Stress. How to take control.

Mental health awareness week has recently passed and this year it was all about stress, so this month at NWCH we’re looking into what it is, how we can prevent it and the ONE KEY SKILL 
you need for managing it when it strikes.

What is ‘stress’ and where does it come from?

To put it simply, stress is the body’s response to pressures from situations or events in our life.

In cavemen times, the biggest dangers came from short-term threats such as being attacked by a wild animal…

As this didn’t leave much time for consideration, it required an immediate ‘fight or flight’ decision to be made.
To help deal with the caveman’s reaction, the body would release adrenaline and cortisol (now known as the ‘stress’ hormone) to accelerate the heart rate and increase the brains use of glucose, while shutting down the non-essential functions of the body so it could focus solely on the danger.At this point, the cortisol was useful for the body, and as these situations were rare, the body could cope with this level of stress just fine.

In modern life however, we are exposed to stress inducers so frequently that the overexposure to cortisol is disrupting the body’s functions and making us physically and mentally unwell.


Okay…but how do we manage it?

Well if stress is simply the level of cortisol that’s being released into the body, it means that to counter balance stress we simply need to reducethe amount of cortisol we’ve got going on in there.

It sounds simple right?

Well, with a little bit of self discipline it can be, and it all comes down to lifestyle.

Our number one stop is  FOOD.

Now think about how you fuel a car…

We’ll say it’s a diesel, and obviously, you want it to run at it’s best performance for your long journey (in human terms we’d call this bit life), if you keep pouring gallons of petrol into it it’s not going to run well and let’s face it it will ultimately break down.

Well the same goes for you!

Humans are designed to run on real, whole foods, full of nutrients and vitamins that help our cogs go round.

If we eat right and fuel right our bodies and brains function better. Fact.

We can rebalance our cortisol levels with the foods we eat as well as decreasing general stress that is caused by a bad diet.

Put it this way, a fully functioning, pain free body is much more likely to be able to cope with a stressful situation than one that is already suffering from headaches, muscle pains, depression, digestive problems, fatigue, colds, high blood pressure, inflammation…the list goes on…and it sounds stressful enough just reading it!

So in with the fresh and healthy, out with the packaged and processed and you’re half way to chilling the hell out!

Foods that contribute to high cortisol levels:

Sugary drinks and sugary snacks

Packaged processed foods

Refined grain products – cereals, white bread, white rice, white flour



Foods that reduce cortisol levels:

Fruits – oranges, berries, tomatoes

Vegetables – bell peppers, dark leafy greens, asparagus

Healthy fats – nuts, seeds, coconut or olive oil

Proteins – eggs, fish, beans

Fibre – wholemeal bread, potatoes, oats, wholewheat pasta

Probiotic foods – yoghurt, kefir,

Green tea, ginger tea, turmeric tea

Got it!
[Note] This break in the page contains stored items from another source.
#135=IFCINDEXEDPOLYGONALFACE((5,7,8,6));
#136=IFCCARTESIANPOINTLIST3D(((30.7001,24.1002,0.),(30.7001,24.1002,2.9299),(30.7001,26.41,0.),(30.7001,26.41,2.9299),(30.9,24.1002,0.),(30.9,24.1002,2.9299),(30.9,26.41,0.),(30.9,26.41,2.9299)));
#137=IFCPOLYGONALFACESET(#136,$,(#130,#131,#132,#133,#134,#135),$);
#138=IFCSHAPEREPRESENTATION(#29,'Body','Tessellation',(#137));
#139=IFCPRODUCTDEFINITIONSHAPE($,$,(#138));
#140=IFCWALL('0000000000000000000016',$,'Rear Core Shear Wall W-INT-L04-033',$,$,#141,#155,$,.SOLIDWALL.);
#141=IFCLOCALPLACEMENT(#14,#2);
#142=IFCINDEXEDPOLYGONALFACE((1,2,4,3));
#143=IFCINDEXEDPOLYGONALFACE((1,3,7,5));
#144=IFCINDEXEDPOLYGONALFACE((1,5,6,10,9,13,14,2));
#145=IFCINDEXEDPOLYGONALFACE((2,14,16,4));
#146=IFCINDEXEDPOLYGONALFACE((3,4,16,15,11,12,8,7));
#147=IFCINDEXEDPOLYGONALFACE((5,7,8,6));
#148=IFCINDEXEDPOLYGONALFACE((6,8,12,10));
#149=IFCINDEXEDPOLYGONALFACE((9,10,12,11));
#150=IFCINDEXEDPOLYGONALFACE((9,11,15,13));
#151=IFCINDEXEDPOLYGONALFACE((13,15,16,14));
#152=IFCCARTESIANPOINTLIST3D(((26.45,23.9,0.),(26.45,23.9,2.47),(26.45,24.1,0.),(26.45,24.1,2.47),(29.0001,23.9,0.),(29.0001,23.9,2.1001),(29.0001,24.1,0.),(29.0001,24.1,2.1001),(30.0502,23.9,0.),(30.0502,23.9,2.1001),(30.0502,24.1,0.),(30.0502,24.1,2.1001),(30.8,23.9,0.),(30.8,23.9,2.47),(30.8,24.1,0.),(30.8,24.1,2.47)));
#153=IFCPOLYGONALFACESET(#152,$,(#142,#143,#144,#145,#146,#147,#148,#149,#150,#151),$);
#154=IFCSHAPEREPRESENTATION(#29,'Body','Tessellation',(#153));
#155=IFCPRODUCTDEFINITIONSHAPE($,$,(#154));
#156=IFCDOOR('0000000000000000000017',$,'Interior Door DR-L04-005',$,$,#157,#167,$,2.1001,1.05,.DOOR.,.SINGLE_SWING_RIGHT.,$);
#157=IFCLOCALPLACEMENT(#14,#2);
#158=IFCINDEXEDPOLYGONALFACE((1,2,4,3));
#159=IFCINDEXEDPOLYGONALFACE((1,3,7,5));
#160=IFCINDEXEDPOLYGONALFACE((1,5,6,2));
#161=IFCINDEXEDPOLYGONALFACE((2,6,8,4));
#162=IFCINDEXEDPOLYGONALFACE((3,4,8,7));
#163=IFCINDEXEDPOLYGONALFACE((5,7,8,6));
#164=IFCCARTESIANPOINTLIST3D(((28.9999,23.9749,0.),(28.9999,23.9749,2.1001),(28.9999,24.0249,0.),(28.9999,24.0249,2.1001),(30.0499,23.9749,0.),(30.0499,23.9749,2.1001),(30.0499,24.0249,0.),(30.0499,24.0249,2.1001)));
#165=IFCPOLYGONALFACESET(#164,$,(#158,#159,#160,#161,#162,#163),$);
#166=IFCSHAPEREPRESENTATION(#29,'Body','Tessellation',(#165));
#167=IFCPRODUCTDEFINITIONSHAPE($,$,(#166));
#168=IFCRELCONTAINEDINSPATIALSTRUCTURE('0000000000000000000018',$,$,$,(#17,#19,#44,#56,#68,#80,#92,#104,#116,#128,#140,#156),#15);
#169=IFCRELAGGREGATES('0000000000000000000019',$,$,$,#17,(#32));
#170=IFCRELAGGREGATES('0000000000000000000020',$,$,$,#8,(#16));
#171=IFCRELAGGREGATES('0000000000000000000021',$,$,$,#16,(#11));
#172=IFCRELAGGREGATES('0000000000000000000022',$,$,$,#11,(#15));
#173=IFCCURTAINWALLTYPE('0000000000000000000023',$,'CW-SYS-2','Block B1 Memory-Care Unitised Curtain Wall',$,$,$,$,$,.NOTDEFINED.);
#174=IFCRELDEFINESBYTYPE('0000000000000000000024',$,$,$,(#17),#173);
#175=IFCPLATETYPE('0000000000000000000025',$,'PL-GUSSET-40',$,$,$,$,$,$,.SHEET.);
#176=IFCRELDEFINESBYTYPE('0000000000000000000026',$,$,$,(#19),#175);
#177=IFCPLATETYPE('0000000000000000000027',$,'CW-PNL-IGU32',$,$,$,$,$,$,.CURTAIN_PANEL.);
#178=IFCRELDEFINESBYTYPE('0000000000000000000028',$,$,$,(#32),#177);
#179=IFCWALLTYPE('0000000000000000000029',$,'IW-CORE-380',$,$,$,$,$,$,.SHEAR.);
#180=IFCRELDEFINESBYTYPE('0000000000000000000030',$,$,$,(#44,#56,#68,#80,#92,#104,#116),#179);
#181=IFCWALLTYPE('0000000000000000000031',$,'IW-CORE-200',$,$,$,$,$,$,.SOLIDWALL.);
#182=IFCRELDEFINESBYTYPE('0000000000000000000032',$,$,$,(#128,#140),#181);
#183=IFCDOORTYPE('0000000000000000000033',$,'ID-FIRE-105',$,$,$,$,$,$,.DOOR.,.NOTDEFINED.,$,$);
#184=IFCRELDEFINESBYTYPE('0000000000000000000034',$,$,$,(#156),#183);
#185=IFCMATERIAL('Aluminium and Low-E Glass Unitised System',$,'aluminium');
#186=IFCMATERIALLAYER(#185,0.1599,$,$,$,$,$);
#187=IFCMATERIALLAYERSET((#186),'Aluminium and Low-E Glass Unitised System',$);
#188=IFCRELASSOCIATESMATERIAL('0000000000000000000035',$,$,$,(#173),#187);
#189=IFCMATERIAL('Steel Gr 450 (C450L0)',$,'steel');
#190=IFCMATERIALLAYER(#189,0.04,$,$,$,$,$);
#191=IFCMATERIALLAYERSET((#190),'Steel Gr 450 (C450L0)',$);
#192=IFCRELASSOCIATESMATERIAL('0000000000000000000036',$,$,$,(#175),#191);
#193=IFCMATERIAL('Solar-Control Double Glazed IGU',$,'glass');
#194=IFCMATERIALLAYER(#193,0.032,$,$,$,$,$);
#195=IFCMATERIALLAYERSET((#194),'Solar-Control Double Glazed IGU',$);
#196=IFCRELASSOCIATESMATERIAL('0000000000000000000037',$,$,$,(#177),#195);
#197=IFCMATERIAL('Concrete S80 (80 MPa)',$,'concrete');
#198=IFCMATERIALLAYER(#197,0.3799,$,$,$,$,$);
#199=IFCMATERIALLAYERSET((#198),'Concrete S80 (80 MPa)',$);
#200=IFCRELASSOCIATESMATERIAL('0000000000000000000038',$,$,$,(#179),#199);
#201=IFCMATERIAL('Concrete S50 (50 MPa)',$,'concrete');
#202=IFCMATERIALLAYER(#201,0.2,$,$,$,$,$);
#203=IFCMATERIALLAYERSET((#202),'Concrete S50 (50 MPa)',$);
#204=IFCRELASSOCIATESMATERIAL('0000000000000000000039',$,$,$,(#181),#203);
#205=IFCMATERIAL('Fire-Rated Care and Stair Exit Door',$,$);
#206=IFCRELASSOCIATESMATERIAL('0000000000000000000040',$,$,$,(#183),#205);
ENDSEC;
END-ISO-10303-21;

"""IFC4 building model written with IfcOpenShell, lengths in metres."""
Fuel better : Feel better

But what about when the stress strikes and it’s all getting too much?

So it’s one thing to be healthy and prepared, yes, but when tough situations arise or things just keep going wrong, it can be difficult to remain positive and calm.
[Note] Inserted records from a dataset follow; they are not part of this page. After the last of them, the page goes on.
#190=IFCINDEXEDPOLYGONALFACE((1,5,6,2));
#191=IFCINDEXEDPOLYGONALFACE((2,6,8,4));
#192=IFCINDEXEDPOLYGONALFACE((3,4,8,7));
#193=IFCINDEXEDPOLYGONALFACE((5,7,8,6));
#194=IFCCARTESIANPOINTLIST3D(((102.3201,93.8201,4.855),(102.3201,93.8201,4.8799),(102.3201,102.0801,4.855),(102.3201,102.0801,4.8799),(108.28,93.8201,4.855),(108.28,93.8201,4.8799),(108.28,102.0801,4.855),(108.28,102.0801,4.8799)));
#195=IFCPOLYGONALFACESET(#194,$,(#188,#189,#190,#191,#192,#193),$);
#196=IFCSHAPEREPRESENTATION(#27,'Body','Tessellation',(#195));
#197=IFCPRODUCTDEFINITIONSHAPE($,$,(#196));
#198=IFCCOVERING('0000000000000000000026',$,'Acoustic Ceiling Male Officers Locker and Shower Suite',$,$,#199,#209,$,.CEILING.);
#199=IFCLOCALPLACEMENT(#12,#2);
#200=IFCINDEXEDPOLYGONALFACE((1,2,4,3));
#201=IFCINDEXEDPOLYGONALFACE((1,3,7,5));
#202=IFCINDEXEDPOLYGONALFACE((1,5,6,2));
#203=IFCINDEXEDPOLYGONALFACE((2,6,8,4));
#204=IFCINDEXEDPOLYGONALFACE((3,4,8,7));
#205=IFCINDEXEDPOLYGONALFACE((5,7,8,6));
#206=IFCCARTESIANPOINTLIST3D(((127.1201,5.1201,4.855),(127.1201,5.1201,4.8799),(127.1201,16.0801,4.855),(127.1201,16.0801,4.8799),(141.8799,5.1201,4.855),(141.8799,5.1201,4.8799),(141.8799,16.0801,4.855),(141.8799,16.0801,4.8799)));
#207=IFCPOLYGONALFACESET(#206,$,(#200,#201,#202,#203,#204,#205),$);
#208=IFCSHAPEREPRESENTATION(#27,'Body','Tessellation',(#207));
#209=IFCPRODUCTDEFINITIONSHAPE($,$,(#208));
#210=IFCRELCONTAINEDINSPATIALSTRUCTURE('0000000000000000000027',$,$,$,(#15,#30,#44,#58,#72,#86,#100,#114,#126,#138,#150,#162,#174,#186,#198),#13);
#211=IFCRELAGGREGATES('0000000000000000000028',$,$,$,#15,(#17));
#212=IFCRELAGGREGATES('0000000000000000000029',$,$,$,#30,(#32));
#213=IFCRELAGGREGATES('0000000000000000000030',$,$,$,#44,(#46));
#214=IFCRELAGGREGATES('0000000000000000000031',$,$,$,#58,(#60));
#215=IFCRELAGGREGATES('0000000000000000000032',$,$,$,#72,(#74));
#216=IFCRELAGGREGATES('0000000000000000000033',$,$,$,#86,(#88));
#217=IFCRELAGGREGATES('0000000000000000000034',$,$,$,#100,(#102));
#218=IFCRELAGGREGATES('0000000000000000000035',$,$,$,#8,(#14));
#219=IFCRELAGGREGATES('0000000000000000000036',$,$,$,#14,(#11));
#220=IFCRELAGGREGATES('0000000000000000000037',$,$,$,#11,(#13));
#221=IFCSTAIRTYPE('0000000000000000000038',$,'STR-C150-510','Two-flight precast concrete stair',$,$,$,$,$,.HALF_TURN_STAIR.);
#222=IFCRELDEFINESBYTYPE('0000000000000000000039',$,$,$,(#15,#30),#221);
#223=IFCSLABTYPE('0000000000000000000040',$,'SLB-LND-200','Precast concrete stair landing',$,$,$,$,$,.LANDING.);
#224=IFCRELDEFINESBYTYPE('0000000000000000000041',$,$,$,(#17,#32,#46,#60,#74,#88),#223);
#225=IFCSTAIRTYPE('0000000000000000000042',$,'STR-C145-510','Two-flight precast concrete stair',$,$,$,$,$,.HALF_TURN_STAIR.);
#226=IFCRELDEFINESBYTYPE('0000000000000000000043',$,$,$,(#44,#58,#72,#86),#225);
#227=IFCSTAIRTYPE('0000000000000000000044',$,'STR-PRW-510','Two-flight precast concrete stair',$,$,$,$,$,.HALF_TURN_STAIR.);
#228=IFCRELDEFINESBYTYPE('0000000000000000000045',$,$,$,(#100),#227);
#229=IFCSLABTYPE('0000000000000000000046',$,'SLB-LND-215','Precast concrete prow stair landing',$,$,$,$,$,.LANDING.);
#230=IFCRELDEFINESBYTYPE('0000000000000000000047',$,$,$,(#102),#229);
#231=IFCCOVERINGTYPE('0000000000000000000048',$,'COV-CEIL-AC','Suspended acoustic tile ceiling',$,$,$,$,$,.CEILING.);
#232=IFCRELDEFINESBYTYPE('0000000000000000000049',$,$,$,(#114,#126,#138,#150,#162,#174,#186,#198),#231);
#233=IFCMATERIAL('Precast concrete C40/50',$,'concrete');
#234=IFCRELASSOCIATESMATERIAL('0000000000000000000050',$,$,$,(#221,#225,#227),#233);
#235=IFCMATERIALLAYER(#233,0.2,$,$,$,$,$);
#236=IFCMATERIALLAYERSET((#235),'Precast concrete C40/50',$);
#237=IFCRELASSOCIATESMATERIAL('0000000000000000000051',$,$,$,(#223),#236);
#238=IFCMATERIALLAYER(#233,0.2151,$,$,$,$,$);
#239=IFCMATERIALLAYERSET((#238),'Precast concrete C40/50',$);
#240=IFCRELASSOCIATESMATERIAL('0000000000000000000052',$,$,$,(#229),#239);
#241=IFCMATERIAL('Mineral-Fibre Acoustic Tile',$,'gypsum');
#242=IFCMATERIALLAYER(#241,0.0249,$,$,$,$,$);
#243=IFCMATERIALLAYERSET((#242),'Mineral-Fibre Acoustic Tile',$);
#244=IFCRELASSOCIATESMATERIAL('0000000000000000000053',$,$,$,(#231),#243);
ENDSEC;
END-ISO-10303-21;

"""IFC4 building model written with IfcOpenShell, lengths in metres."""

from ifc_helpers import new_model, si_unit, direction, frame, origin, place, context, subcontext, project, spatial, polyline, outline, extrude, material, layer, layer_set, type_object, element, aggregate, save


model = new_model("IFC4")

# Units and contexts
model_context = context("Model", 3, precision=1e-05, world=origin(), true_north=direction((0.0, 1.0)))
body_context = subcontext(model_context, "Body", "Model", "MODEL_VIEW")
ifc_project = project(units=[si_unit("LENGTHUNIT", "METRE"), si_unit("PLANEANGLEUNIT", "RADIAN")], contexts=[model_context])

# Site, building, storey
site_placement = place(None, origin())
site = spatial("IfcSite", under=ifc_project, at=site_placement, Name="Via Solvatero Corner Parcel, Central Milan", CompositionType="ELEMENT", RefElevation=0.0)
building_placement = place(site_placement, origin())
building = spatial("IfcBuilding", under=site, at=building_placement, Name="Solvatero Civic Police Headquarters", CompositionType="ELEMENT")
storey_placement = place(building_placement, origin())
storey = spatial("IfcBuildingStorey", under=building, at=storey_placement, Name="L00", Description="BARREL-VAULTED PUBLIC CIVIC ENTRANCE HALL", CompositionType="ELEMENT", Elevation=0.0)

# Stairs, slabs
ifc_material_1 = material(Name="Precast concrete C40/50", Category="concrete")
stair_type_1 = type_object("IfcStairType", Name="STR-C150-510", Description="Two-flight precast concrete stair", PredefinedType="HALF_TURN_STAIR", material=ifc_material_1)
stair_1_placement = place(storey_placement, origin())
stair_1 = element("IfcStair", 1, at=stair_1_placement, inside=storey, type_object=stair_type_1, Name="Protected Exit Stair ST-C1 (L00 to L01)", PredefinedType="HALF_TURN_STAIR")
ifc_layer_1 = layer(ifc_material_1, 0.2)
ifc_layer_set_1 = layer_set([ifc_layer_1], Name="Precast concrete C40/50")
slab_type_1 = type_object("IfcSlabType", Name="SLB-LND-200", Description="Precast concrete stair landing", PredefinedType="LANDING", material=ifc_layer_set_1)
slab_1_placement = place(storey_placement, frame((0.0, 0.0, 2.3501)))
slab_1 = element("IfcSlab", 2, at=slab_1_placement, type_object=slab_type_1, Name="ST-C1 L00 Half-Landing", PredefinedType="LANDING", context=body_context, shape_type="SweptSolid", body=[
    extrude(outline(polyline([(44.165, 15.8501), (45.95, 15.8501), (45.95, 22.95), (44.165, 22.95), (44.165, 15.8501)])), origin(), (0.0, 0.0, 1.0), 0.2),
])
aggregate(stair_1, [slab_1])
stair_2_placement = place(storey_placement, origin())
It’s easy to get wrapped up in the distress of the problem but this is when we let our emotions take over.

Learn this one key skill and you can start to take control when stress strikes.



It goes a little like this…

S topp

T ake a breath

O bserve              What am I thinking? What am I reacting to?
What am I feeling in my body?

P ull back
Put in some perspective and see the bigger picture.
Is it fact or opinion? How would someone else see this?

P roceed
What’s the best thing to do for me?
What’s the best thing to do for others?
What’s the best thing for this situation?

Follow these steps as soon as you feel yourself reacting to a trigger and answer these questions in your head. (You can print or write down the sequence on a small card and carry it with you at all times)
Saying the word ‘stop’ instantly creates space between the problem and your reaction
Deeper breathing calms the body and mind
Processing the answers takes the focus away from your emotions and enables you to make a more rational and logical move.

Read the sequence often so you become familiar with the steps and start by using it for small upsets. Gradually you’ll find you can use it for more intense situations and this calming process will become automatic.